I'm trying to decode the JSON you get from Facebook when you download your data. I'm using Node JS. The data has lots of weird unicode escapes that don't really make sense. Example:
"messages": [
{
"sender_name": "Emily Chadwick",
"timestamp_ms": 1480314292125,
"content": "So sorry that was in my pocket \u00f0\u009f\u0098\u0082\u00f0\u009f\u0098\u0082\u00f0\u009f\u0098\u0082",
"type": "Generic"
}
]
Which should decode as So sorry that was in my pocket
. Using fs.readFileSync(filename, "utf8")

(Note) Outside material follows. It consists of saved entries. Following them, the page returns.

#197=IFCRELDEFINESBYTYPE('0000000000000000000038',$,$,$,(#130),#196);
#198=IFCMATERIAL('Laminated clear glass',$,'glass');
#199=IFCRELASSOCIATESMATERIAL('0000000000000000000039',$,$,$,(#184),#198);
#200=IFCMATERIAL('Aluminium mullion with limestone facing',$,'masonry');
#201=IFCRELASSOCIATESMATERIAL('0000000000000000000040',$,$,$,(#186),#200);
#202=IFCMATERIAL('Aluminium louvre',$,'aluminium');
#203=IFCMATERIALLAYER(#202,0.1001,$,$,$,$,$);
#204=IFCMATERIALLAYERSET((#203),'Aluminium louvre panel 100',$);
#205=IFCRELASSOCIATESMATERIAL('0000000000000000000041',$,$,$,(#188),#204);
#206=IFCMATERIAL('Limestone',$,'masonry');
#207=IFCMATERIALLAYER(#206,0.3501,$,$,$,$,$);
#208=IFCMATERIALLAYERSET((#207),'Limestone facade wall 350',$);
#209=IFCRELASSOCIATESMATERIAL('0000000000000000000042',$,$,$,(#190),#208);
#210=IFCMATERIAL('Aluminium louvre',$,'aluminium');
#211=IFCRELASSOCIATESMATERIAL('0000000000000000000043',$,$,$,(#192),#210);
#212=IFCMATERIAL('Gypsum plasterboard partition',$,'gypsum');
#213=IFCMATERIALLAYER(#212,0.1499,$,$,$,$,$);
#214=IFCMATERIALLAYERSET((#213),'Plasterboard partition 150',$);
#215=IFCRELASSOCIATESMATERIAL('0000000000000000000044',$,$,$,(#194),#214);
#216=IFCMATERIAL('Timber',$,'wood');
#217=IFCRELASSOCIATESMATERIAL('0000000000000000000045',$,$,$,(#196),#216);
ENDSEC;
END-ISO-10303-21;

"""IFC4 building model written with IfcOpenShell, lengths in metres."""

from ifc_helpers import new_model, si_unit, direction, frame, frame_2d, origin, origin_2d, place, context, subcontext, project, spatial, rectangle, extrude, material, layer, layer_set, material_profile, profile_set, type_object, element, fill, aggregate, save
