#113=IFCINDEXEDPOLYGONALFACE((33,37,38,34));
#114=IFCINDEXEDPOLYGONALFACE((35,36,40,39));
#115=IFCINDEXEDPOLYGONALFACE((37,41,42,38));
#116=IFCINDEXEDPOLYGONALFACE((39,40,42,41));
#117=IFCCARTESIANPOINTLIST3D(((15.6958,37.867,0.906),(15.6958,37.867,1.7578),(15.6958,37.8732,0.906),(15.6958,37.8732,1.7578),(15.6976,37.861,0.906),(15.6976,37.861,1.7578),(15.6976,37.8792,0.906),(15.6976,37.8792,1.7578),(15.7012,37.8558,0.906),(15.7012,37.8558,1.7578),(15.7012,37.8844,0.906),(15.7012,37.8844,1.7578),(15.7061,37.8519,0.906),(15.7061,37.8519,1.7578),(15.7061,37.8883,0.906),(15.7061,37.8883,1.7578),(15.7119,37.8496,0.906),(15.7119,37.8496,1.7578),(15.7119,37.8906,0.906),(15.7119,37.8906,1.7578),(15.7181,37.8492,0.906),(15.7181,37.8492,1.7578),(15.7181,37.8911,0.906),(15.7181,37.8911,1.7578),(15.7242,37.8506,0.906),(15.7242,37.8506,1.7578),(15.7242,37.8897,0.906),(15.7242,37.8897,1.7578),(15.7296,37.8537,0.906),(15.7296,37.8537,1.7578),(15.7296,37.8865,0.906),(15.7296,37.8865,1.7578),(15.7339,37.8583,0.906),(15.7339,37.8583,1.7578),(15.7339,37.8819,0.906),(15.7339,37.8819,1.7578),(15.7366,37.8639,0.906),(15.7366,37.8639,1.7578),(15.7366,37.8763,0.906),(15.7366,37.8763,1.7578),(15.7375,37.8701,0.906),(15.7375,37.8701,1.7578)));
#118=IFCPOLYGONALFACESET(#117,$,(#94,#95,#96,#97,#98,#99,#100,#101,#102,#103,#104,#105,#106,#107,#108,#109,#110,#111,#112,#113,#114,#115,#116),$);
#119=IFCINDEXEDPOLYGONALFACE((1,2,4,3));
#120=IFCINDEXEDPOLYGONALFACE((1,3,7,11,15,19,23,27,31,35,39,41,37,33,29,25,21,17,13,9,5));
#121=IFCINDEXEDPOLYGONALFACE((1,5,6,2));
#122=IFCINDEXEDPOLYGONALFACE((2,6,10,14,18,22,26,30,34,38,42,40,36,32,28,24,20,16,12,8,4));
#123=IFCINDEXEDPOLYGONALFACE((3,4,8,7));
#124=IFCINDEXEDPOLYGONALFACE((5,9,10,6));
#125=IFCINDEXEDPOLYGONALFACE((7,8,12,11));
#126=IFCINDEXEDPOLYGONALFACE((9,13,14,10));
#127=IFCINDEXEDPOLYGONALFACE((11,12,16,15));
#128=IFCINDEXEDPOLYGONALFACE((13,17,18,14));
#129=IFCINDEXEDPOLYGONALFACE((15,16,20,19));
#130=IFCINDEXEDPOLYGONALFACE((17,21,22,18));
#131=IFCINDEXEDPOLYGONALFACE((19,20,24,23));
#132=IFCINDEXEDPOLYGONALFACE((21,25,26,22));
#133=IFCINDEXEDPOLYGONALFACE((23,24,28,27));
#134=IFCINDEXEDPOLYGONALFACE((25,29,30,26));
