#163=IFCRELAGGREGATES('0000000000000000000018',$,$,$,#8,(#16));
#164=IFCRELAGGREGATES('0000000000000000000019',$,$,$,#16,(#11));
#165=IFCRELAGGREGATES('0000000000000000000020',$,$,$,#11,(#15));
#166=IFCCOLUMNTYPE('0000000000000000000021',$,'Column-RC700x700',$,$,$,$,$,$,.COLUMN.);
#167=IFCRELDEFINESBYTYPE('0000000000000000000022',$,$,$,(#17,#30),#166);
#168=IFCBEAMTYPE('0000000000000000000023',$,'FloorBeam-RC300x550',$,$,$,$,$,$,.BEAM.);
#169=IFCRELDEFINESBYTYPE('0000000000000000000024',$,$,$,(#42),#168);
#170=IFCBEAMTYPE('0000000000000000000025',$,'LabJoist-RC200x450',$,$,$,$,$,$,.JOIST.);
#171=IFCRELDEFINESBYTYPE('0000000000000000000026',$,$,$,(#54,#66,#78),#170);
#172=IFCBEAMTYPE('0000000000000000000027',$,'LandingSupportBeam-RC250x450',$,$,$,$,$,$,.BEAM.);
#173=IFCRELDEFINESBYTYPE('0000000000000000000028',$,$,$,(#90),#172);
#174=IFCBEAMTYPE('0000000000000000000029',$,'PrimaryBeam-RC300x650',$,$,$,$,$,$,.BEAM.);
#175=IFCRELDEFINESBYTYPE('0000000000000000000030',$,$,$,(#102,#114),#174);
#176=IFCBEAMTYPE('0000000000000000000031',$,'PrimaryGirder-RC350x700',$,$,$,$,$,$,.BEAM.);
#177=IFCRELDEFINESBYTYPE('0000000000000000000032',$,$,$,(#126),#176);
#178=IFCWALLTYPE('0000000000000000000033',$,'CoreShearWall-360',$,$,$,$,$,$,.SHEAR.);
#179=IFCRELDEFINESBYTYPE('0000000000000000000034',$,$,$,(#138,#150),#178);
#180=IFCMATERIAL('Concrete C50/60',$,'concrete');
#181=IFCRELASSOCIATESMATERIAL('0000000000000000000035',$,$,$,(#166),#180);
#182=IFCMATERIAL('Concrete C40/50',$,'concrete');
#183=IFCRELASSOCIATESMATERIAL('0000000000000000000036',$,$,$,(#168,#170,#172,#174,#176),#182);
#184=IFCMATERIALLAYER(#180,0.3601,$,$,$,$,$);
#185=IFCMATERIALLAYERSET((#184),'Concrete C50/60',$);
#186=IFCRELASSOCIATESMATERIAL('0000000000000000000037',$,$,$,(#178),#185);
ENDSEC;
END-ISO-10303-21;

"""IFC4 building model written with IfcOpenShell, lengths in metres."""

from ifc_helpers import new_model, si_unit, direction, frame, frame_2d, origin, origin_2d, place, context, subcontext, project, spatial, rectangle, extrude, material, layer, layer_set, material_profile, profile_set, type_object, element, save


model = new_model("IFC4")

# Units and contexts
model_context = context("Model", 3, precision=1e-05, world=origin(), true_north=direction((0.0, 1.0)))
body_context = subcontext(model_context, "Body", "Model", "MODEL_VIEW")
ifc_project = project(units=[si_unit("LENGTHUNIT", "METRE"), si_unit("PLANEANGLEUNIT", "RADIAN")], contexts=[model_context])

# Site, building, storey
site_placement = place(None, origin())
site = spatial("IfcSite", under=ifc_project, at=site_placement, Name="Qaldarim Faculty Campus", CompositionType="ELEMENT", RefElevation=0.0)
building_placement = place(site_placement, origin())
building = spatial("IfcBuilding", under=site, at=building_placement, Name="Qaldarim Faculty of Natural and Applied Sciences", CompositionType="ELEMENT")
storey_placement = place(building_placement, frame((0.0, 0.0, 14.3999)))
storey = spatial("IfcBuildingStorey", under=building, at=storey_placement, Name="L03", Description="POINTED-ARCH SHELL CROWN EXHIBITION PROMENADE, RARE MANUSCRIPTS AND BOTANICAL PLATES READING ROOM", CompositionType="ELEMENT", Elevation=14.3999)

gets me So sorry that was in my pocket ððð
instead, which is mojibake.
This question mentions that it's screwed up latin1
encoding, and that you can encode to latin1
and then decode to utf8
. I tried to do that with:
import iconv from 'iconv-lite';
function readFileSync_fixed(filename) {
var content = fs.readFileSync(filename, "binary");
return iconv.decode(iconv.encode(content, "latin1"), "utf-8")
}
console.log(JSON.parse(readFileSync_fixed(filename)))
But I still get the mojibake version. Can anyone point me in the right direction? I'm unfamiliar with how iconv works in regard to this.